Arsenic resistance of mycorrhizal plants might be partly explained by the higher P/As ratios in mycorrhizal plants. Thus, mycorrhizal plants obtained more P than non-mycorrhizal controls (Table 1), and the higher P/As ratios may be one of the mechanisms by which AM fungi can enhance host plant resistance to arsenic, even in the case of As hyperaccumulators. Many studies have indicated that positive effects of mycorrhizas on host plants under environmental stresses could be directly or indirectly attributed to improved plant phosphorus nutrition. The absence of any significant difference in frond P concentration between mycorrhizal and non-mycorrhizal plants in the present work indicates that frond P status was unaffected by mycorrhizal colonization. However, there were significant increases in root P concentration with mycorrhizal colonization. In general, the phosphate analogue arsenate is more toxic to plants than arsenite. On the other hand, arsenate reductase, which catalyzes the reduction of arsenate to arsenite, is expressed in leaves only and not in roots (Dhankher et al. 2002). Since more P was stored in the roots with increasing As application, and mycorrhizal colonization enhanced this trend, we suggest that the higher P concentration in the roots may have contributed to As resistance in the mycorrhizal plants. Phytotoxicity of arsenate has been observed under conditions of low P supply (Wang et al. 2002), and mycorrhizal inoculation has been observed to alleviate As phytotoxicity by increasing plant P content.
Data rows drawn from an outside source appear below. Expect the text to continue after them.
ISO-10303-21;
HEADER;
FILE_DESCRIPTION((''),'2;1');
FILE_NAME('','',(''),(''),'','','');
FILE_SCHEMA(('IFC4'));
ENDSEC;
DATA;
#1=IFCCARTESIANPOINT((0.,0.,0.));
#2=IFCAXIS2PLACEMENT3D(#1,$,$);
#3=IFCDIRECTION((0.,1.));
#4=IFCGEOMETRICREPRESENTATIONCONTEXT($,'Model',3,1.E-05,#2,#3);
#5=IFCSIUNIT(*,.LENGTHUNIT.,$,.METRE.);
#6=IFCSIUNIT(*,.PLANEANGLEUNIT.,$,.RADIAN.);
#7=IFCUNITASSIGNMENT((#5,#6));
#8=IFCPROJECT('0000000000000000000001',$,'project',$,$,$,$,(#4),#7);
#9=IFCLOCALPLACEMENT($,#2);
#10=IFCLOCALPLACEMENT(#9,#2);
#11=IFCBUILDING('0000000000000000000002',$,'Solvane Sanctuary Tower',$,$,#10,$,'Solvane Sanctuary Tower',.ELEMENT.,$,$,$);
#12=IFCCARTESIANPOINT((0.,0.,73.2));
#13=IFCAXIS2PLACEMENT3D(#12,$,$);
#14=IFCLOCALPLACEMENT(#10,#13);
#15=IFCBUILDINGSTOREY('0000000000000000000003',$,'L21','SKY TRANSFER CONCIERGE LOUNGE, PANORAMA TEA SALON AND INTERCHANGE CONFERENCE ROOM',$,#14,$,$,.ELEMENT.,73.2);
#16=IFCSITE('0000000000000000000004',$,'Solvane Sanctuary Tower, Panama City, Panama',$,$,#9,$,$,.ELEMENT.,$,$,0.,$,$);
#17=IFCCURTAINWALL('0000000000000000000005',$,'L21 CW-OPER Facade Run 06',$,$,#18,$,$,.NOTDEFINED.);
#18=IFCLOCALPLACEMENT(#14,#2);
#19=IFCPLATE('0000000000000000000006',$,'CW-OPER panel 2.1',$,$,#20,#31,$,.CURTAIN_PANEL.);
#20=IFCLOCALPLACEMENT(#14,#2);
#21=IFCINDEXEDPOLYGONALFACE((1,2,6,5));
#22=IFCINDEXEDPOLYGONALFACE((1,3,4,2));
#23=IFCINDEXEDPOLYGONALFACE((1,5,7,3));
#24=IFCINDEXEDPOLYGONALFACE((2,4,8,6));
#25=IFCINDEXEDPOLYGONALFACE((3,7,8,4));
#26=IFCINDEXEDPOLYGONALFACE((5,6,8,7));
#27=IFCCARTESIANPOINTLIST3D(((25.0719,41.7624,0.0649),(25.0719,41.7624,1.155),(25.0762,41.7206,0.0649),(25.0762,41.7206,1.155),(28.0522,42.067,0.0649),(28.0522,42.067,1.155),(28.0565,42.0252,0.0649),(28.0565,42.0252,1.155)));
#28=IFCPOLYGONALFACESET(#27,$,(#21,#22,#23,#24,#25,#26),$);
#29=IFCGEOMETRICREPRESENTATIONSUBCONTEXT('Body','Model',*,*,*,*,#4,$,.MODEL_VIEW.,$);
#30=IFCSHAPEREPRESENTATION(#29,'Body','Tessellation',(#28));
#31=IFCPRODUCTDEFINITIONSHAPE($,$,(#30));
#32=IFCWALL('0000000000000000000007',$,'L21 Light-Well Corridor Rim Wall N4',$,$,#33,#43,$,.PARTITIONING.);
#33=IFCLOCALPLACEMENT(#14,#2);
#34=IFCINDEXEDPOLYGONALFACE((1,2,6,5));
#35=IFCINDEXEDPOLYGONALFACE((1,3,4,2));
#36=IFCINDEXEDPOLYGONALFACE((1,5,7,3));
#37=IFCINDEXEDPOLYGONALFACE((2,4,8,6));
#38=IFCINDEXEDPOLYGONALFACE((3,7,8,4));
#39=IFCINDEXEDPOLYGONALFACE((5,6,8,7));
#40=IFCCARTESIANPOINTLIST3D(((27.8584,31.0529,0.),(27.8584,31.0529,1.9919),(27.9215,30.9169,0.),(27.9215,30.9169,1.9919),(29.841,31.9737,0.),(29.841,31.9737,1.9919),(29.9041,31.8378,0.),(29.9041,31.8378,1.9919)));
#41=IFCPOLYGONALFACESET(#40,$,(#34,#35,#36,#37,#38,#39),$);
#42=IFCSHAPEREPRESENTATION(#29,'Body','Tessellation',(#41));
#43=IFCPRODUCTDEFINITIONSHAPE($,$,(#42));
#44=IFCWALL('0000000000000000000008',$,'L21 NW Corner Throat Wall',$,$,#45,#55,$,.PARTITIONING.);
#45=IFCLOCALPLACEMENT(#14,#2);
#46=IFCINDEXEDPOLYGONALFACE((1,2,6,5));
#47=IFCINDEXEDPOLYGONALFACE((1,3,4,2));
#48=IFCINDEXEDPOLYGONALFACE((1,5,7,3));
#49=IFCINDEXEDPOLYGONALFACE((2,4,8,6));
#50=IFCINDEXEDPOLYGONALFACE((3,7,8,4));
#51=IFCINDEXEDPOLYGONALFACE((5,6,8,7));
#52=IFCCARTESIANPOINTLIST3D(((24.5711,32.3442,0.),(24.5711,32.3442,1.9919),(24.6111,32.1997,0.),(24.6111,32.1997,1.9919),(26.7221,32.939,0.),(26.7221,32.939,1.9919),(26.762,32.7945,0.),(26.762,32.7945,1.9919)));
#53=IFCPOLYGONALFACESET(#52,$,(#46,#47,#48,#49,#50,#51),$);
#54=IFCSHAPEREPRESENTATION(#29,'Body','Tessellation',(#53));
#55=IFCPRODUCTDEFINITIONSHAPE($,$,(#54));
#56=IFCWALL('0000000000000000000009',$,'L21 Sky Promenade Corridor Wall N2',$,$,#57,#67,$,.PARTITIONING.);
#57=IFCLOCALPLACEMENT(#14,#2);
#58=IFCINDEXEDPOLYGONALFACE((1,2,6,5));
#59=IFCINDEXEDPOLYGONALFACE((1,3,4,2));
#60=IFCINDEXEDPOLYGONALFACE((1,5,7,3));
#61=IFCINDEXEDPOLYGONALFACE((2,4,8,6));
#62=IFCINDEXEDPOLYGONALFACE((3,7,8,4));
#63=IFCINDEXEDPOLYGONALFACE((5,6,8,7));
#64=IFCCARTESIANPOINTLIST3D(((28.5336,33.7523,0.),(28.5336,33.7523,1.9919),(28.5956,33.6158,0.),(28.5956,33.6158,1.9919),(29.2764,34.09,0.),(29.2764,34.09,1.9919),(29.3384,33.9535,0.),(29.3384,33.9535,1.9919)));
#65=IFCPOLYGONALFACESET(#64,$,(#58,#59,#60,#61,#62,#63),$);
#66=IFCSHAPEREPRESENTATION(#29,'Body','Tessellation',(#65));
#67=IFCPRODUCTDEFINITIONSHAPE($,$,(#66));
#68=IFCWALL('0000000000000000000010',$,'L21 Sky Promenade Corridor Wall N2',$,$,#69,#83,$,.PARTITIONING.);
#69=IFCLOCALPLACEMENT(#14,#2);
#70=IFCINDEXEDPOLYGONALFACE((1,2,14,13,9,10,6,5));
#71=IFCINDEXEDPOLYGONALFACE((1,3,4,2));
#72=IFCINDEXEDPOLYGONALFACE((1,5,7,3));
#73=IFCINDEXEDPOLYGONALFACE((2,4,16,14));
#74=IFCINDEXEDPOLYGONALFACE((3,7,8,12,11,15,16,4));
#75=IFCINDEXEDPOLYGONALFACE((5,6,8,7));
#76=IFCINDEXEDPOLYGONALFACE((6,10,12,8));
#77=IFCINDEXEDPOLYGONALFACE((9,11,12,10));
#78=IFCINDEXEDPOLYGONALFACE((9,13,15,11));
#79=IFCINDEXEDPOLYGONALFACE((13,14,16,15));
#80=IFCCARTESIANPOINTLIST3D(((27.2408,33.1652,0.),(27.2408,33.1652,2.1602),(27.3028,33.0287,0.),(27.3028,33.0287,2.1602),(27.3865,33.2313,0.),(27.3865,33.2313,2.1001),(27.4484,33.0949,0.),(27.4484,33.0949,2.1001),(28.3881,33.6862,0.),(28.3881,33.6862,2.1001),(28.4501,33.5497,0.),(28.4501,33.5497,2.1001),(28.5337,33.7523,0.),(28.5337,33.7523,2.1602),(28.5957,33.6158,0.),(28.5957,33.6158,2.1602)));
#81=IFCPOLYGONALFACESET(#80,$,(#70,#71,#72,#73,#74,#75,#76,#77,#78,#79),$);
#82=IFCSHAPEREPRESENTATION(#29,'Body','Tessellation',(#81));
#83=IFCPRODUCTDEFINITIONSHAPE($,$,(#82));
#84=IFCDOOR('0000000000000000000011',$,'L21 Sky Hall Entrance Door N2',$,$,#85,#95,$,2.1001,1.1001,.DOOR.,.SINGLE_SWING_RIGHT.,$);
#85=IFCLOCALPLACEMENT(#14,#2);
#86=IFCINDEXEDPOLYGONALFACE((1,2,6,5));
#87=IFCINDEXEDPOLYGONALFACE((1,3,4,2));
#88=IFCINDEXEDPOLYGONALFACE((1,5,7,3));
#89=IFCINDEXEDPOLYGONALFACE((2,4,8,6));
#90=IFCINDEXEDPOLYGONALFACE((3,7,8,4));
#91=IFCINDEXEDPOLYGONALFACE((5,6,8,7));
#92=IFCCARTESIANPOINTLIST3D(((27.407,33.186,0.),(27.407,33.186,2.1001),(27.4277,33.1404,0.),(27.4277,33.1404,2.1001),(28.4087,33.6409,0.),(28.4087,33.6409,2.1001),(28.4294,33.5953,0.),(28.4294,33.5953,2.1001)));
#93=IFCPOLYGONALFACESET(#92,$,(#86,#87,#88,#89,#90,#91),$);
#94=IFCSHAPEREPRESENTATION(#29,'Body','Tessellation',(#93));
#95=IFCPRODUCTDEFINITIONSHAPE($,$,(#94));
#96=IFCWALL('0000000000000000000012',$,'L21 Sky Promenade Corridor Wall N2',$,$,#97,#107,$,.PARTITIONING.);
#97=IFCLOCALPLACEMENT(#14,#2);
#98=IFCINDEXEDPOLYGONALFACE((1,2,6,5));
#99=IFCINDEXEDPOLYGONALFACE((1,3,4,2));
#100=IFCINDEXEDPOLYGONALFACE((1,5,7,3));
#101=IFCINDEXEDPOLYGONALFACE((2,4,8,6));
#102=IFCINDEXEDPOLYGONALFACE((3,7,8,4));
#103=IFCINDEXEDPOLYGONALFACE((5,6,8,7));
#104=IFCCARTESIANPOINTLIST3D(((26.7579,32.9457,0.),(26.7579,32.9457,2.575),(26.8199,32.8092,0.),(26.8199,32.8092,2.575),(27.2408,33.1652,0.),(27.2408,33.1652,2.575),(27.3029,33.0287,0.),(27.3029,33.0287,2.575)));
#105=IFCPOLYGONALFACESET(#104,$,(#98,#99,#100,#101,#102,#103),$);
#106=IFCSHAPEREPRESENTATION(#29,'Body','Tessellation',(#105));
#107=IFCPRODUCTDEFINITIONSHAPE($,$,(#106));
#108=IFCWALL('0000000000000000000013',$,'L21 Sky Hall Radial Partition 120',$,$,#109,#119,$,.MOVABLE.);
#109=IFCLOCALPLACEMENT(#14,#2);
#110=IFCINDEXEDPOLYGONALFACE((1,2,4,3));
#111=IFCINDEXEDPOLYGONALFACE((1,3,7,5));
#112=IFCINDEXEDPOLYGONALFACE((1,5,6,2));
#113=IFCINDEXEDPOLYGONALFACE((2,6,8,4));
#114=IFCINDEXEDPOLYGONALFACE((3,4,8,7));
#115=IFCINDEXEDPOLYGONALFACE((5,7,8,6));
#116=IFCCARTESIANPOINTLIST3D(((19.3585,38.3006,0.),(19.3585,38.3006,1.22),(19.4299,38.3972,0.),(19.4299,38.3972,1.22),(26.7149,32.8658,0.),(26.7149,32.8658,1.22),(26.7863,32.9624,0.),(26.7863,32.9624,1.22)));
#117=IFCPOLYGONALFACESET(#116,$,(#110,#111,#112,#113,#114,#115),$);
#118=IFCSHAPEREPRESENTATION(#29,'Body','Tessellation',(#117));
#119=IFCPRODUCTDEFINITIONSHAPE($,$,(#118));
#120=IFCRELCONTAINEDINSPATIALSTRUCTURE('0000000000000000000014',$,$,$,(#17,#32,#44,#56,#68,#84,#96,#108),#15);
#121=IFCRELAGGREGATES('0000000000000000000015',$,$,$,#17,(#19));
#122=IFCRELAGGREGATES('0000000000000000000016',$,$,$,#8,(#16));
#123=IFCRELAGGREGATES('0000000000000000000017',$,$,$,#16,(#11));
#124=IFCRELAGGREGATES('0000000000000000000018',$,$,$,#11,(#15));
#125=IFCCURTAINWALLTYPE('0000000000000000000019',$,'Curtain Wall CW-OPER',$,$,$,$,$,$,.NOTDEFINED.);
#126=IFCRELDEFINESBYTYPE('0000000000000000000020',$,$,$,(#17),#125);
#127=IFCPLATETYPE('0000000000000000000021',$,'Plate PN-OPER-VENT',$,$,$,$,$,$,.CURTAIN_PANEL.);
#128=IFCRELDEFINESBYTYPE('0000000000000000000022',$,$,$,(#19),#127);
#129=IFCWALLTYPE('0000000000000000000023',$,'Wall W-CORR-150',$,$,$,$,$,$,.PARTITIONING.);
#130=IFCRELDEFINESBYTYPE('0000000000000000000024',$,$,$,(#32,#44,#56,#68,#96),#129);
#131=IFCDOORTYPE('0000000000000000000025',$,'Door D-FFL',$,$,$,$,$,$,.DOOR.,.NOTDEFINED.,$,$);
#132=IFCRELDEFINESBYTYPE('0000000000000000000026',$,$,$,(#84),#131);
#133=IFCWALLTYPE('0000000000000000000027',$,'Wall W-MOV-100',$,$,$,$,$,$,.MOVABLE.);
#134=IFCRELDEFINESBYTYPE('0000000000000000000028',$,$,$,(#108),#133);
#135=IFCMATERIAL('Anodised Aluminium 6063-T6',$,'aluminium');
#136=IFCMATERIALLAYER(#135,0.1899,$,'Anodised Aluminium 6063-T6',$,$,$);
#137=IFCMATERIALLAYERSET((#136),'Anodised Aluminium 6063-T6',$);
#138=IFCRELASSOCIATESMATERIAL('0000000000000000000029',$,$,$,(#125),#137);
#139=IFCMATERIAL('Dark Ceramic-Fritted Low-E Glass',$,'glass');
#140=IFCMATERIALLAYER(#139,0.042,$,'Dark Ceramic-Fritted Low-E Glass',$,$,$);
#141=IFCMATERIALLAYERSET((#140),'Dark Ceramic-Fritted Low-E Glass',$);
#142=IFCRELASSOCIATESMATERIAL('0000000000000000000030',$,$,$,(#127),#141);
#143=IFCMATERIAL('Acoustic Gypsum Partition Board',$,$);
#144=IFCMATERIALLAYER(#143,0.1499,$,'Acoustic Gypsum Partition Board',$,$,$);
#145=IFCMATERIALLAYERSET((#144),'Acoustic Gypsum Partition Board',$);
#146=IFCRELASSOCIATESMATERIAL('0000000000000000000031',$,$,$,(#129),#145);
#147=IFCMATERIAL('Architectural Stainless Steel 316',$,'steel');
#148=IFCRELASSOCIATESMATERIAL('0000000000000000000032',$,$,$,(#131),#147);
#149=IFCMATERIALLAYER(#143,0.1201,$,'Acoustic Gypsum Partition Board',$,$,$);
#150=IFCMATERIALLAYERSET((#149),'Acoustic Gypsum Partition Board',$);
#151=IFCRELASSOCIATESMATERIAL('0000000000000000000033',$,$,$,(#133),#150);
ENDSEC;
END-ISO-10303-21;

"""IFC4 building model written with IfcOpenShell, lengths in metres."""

from ifc_helpers import new_model, si_unit, direction, frame, frame_2d, origin, origin_2d, place, context, subcontext, project, spatial, rectangle, extrude, material, layer, layer_set, type_object, element, fill, aggregate, save


model = new_model("IFC4")

# Units and contexts
model_context = context("Model", 3, precision=1e-05, world=origin(), true_north=direction((0.0, 1.0)))
body_context = subcontext(model_context, "Body", "Model", "MODEL_VIEW")
ifc_project = project(units=[si_unit("LENGTHUNIT", "METRE"), si_unit("PLANEANGLEUNIT", "RADIAN")], contexts=[model_context])

# Site, building, storey
site_placement = place(None, origin())
site = spatial("IfcSite", under=ifc_project, at=site_placement, Name="Solvane Sanctuary Tower, Panama City, Panama", CompositionType="ELEMENT", RefElevation=0.0)
building_placement = place(site_placement, origin())
building = spatial("IfcBuilding", under=site, at=building_placement, Name="Solvane Sanctuary Tower", LongName="Solvane Sanctuary Tower", CompositionType="ELEMENT")
storey_placement = place(building_placement, frame((0.0, 0.0, 73.2)))
storey = spatial("IfcBuildingStorey", under=building, at=storey_placement, Name="L21", Description="SKY TRANSFER CONCIERGE LOUNGE, PANORAMA TEA SALON AND INTERCHANGE CONFERENCE ROOM", CompositionType="ELEMENT", Elevation=73.2)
The As depletion near the root surface indicates low mobility of As in the soil similar to that of P. The relatively higher As concentration in the root compartment soil may have been derived from mobilization of immobile fractions of soil As by a mycorrhizosphere effect. We also observed higher soil pH values in the plant and hyphal compartments of mycorrhizal plants compared with non-mycorrhizal controls, especially at the high As application rate, and this may have resulted in higher As solubility.

Our results indicate positive effects of mycorrhiza on plant growth under high soil As conditions. When plants were mycorrhizal, lower root/frond dry weight ratio and higher frond/root As contents indicated enhanced aboveground biomass and As uptake by fronds of P. vittata, and this could assist the hyperaccumulator to remove more As from the soil. Some studies have found the opposite trend of restricted translocation of As from the soil to the aboveground plant biomass following inoculation with AM fungi (Meharg et al. 1994; Sidibe and Tesarova 2001). In conclusion, the AM fungus G. mosseae formed a stable association with Chinese brake fern (P. vittata L.) and possessed substantial resistance to As toxicity. Mycorrhizal colonization increased plant biomass and consequently increased the quantity of As removed from the soil by the hyperaccumulator.